Weiter rechts ist dann noch ein Seeadler zu sehen, der majestätisch seine Schwingen ausbreitet. Neben ihm wird der Einfluss der Menschen immer deutlicher, verrät „Sponk“. „Da steht ein Schloss, das zum Teil auch Kraftwerk ist. Aus seinen Türmen strömt bunter Rauch in das Dunkel der Nacht. Dazu gibt es eine Lasershow. Das soll unsere Spaßkultur symbolisieren – als farbenfrohe Karikatur unserer westlichen Welt.“ Kleine Details als Gesellschaftskritik inklusive.

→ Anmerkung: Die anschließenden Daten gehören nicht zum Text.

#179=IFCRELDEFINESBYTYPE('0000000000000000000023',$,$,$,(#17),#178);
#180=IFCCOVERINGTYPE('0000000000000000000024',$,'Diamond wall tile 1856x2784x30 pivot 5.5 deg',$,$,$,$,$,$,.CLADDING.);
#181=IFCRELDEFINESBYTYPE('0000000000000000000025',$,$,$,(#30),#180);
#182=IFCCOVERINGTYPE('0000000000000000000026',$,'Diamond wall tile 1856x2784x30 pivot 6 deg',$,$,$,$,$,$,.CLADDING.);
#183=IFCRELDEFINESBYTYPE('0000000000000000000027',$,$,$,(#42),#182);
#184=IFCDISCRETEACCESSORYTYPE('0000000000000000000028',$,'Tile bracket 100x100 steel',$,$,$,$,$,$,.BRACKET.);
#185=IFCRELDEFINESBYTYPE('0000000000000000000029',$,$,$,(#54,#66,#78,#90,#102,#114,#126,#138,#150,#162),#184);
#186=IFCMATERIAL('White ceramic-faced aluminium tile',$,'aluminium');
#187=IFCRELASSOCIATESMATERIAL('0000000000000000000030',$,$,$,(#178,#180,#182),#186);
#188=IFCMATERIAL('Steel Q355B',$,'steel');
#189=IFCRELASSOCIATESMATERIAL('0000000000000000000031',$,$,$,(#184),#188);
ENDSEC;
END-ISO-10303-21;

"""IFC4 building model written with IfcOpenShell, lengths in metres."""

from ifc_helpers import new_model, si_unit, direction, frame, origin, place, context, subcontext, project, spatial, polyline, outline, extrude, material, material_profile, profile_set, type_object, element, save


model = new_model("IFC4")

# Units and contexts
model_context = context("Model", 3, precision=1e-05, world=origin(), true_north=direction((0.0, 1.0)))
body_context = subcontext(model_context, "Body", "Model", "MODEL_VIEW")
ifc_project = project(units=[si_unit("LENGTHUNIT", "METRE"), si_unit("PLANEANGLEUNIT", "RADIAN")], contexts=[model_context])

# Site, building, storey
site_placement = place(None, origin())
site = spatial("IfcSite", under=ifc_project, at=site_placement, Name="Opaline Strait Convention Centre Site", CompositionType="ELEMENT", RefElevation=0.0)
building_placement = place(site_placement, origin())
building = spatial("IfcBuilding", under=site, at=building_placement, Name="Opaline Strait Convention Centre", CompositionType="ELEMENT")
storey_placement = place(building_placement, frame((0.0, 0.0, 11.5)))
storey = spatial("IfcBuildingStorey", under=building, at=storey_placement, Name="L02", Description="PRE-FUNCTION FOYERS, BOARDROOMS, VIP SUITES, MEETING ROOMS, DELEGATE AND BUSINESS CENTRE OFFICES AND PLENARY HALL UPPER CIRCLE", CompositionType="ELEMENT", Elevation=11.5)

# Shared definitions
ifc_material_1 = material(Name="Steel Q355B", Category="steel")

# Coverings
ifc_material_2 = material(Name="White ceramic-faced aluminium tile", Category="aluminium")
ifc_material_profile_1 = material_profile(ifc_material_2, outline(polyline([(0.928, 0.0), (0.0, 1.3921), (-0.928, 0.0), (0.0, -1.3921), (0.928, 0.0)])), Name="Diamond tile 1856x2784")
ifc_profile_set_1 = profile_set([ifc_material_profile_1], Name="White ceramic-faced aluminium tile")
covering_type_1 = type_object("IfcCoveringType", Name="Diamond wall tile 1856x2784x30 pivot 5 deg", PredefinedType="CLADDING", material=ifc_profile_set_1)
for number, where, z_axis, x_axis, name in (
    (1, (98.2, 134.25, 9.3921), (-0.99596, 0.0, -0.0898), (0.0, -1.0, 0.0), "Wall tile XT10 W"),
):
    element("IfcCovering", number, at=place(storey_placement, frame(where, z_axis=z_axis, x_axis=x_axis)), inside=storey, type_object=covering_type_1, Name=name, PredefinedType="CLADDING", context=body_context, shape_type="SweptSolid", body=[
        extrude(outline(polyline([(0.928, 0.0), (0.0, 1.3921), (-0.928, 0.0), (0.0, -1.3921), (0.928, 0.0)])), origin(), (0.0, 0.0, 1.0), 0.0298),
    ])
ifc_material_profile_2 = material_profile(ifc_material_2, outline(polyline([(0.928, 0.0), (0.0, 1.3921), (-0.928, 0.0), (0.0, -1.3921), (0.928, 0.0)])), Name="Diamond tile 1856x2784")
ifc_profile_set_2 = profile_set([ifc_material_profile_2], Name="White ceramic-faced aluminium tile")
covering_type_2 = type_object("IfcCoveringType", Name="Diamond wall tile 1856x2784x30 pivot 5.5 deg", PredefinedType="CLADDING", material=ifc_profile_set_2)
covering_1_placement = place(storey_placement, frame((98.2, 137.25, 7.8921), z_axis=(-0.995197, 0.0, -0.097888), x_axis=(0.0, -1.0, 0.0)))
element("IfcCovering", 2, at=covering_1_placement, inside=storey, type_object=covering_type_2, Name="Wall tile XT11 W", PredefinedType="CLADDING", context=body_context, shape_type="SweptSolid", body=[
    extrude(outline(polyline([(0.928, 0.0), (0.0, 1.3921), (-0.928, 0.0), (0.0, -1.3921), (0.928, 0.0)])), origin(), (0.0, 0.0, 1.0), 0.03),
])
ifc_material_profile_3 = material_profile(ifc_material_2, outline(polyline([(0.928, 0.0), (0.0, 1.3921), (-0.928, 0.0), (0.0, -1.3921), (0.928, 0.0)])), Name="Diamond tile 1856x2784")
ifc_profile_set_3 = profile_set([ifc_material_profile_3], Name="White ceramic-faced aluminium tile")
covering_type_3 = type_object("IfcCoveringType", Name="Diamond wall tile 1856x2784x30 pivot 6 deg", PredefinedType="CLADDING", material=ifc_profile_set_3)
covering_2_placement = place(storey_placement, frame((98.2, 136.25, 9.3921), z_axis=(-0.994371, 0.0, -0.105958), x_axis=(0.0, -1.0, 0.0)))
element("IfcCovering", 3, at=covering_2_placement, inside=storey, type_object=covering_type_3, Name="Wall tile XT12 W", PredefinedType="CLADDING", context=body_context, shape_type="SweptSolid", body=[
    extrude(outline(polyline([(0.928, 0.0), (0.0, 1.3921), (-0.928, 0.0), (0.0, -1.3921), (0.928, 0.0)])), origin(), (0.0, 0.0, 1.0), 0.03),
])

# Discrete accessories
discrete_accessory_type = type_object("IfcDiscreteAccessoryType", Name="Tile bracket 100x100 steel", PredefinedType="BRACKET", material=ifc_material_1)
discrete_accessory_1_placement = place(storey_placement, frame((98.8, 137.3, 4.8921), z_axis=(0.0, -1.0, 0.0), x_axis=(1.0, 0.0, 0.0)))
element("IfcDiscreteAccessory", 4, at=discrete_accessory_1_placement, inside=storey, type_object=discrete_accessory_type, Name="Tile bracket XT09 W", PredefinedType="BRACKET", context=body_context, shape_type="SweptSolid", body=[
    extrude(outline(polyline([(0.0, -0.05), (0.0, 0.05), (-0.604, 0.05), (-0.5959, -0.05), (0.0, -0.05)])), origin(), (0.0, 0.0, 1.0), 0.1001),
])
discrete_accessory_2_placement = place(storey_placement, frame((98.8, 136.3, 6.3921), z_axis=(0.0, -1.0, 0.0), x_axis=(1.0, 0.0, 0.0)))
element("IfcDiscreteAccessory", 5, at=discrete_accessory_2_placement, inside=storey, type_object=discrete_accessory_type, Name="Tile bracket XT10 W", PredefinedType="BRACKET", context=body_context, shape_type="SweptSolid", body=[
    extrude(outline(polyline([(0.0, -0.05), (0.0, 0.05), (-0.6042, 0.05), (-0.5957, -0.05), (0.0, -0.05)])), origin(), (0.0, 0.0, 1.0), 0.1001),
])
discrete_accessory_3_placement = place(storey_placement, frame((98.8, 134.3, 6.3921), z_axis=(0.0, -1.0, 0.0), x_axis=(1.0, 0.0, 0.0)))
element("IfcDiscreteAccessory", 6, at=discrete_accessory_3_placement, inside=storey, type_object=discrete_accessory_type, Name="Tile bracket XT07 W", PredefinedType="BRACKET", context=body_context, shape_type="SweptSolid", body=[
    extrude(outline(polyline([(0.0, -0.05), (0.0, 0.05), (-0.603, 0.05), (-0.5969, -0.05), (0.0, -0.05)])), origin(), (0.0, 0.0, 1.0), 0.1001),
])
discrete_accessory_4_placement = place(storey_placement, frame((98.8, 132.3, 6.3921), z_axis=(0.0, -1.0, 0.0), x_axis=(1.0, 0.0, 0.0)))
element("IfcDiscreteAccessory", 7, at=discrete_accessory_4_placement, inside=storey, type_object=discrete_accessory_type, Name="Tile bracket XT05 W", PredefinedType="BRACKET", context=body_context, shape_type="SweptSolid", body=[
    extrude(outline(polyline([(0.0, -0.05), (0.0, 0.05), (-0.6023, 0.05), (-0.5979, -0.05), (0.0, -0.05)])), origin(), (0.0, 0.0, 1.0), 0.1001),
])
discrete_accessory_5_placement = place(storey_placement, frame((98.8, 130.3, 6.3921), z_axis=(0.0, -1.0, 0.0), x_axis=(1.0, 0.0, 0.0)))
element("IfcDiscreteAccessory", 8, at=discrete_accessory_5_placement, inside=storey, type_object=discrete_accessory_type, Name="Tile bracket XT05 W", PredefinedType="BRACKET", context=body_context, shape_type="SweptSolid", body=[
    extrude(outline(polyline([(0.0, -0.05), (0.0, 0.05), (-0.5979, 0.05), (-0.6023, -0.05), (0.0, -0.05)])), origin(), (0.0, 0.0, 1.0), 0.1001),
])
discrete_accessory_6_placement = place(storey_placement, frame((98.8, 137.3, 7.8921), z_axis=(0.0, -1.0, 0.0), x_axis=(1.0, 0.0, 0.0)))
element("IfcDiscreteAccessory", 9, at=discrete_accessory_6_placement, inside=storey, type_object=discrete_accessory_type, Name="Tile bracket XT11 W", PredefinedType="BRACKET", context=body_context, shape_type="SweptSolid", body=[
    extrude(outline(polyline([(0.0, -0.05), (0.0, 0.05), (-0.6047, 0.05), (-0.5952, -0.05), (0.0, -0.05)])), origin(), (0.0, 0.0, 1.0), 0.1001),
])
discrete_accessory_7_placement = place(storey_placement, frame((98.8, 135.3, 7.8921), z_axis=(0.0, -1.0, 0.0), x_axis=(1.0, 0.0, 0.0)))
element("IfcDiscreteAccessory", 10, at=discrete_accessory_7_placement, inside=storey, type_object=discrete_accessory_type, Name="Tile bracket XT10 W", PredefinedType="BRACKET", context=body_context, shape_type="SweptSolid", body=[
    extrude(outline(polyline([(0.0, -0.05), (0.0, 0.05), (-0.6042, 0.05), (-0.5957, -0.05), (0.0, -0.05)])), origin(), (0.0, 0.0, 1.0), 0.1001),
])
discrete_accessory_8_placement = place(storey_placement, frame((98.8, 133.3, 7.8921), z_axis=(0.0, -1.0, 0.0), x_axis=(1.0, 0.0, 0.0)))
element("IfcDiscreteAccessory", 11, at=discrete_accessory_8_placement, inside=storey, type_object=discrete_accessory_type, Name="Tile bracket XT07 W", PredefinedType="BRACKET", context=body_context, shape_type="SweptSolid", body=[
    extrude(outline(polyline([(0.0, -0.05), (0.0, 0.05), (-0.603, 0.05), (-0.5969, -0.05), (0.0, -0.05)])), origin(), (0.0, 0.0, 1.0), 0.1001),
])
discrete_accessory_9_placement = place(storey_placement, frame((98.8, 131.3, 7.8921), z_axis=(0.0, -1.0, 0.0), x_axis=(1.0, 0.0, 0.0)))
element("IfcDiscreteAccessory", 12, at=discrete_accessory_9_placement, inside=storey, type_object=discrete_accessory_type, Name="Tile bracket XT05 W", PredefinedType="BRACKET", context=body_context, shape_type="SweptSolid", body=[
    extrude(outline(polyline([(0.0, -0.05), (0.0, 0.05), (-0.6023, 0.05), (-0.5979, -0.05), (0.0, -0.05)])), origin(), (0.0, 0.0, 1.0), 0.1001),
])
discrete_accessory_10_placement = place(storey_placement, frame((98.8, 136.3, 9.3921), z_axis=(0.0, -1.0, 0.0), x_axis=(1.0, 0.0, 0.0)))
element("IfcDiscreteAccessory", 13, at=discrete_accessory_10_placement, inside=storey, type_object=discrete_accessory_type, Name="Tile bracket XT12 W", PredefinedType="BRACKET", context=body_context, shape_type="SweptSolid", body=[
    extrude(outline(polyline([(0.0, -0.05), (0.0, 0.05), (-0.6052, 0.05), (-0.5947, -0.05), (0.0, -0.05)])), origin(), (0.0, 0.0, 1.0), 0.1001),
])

Der Auftrag kommt vom Kulturamt Gelsenkirchen

Den Auftrag für diese großformatige Arbeit hat der Künstler vom Kulturamt der Stadt bekommen, wie auch schon im letzten Jahr für die gegenüberliegende Seite. „Die Stadtverwaltung ist mittlerweile aufmerksam geworden auf Graffiti und der damit verbundenen Möglichkeit, die Stadt bunter zu machen. Wir haben hier viele Flächen, die trist sind und die man auf diese Weise gestalten kann.“ Damit verfolgt Dan Geffert noch ein anderes Ziel: „Mein Anliegen ist, ein Abbild der Natur in die Stadt zu bringen. Wenn man die Natur vor Augen hat, kann ich mir vorstellen, regt das an, in die Natur zu gehen.“ Und wer sie regelmäßig genieße, der müsse sie dann doch auch schützen wollen, so die Hoffnung des Künstlers.